- Native name: باول مروان ثابت
- Church: Catholic Church
- Diocese: Eparchy of Saint Maron of Montreal
- Appointed: 10 January 2013
- Predecessor: Joseph Khoury

Orders
- Ordination: 20 July 1986 by Nasrallah Boutros Sfeir
- Consecration: 26 January 2013 by Bechara Boutros al-Rahi

Personal details
- Born: 20 July 1961 (age 64) Bhamdoun, Mount Lebanon Governorate, Lebanon

= Paul Marwan Tabet =

Lebanese maronite catholic bishop in Canada

Paul Marwan Tabet (born on 20 July 1961 in Bhamdoun, Lebanon) is the current Eparch of the Maronite Catholic Eparchy of Saint Maron of Montreal since 26 January 2013.

==Life==
Paul Marwan Tabet joined the religious community of the Congregation of the Lebanese Maronite Missionaries on 26 September 1979 and the Maronite Patriarch of Antioch and all the East, Nasrallah Boutros Sfeir, consecrated him priest on 20 July 1986.

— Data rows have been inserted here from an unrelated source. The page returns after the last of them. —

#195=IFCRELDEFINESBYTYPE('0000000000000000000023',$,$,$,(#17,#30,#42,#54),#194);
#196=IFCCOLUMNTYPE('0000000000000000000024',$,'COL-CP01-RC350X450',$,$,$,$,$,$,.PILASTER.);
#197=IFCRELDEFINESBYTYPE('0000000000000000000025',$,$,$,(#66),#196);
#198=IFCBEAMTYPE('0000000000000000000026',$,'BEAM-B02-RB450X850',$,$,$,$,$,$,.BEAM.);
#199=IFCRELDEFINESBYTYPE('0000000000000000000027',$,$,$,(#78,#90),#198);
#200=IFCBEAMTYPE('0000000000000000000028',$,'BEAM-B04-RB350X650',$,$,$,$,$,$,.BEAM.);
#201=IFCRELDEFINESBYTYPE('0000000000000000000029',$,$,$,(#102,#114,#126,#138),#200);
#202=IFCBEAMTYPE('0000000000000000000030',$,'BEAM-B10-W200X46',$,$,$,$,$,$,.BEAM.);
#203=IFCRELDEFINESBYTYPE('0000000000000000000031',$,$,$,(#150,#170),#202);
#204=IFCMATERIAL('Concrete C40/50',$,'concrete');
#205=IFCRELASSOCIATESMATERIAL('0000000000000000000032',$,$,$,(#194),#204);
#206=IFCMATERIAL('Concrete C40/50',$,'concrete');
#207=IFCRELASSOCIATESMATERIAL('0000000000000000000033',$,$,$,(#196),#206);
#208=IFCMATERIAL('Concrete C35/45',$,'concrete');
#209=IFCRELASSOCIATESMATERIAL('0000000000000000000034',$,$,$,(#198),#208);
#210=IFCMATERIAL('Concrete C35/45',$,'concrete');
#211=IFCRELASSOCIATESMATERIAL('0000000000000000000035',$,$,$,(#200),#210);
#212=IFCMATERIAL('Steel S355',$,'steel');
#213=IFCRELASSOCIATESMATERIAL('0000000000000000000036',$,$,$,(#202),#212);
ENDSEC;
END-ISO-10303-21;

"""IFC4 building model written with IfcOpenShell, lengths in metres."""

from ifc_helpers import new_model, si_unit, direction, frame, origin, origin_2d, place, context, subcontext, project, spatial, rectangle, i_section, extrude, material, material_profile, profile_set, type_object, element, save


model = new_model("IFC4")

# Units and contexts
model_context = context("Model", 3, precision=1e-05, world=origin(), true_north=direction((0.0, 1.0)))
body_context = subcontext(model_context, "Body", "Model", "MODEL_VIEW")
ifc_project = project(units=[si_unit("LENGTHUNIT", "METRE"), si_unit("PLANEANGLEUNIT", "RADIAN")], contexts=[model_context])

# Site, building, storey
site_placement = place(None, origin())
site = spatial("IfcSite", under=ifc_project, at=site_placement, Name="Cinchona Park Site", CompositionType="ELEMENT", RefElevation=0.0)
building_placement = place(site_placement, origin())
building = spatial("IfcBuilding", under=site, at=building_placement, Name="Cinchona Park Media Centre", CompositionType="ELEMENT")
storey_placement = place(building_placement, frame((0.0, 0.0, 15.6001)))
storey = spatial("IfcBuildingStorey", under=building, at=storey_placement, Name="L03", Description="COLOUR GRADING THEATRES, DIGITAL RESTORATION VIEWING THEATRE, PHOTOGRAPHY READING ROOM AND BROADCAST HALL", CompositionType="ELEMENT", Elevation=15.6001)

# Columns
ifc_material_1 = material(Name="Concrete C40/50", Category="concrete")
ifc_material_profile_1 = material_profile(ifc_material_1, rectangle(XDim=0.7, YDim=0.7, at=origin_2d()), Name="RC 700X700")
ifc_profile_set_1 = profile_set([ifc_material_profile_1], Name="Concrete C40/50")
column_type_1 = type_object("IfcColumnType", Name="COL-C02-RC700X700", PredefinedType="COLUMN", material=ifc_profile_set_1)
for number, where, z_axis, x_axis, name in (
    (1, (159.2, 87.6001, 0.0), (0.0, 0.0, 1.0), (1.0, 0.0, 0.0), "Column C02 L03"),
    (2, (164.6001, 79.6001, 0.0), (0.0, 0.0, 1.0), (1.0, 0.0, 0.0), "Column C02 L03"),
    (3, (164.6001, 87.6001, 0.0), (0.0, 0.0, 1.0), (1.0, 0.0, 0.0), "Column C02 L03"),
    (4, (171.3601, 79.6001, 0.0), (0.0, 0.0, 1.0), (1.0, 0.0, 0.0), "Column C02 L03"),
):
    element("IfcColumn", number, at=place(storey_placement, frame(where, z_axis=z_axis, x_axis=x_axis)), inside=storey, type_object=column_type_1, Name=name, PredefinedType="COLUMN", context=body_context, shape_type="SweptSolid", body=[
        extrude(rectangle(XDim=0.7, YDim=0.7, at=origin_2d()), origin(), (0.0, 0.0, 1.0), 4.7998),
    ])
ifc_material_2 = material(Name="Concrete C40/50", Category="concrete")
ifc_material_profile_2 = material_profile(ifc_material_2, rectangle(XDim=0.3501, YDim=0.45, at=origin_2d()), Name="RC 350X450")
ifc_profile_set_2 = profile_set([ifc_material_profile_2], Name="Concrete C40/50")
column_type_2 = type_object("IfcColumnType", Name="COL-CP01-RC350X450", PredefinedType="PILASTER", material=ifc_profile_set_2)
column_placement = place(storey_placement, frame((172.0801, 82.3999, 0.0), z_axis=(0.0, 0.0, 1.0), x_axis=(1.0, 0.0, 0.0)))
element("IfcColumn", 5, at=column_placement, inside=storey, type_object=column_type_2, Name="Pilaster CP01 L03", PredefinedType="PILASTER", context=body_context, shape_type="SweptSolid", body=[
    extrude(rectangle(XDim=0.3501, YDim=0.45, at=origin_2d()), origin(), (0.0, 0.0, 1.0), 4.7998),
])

The Synod of the Maronite Church elected him in June 2012 to the Maronite Catholic Eparchy of Saint Maron of Montreal. His appointment was on 10 January 2013 by Pope Benedict XVI. Maronite Patriarch of Antioch, Bechara Boutros al-Rahi, OMM give him on 26 January 2013 his episcopal ordination, and his co-consecrators were Camille Zaidan, Archbishop of the Maronite Catholic Archeparchy of Antelias and Paul Nabil El-Sayah, Curial Bishop in Antioch. Tabet was installed in the office on 24 February of the same year. He replaced Bishop Joseph Khoury who served in the same position from 1996 to 2013.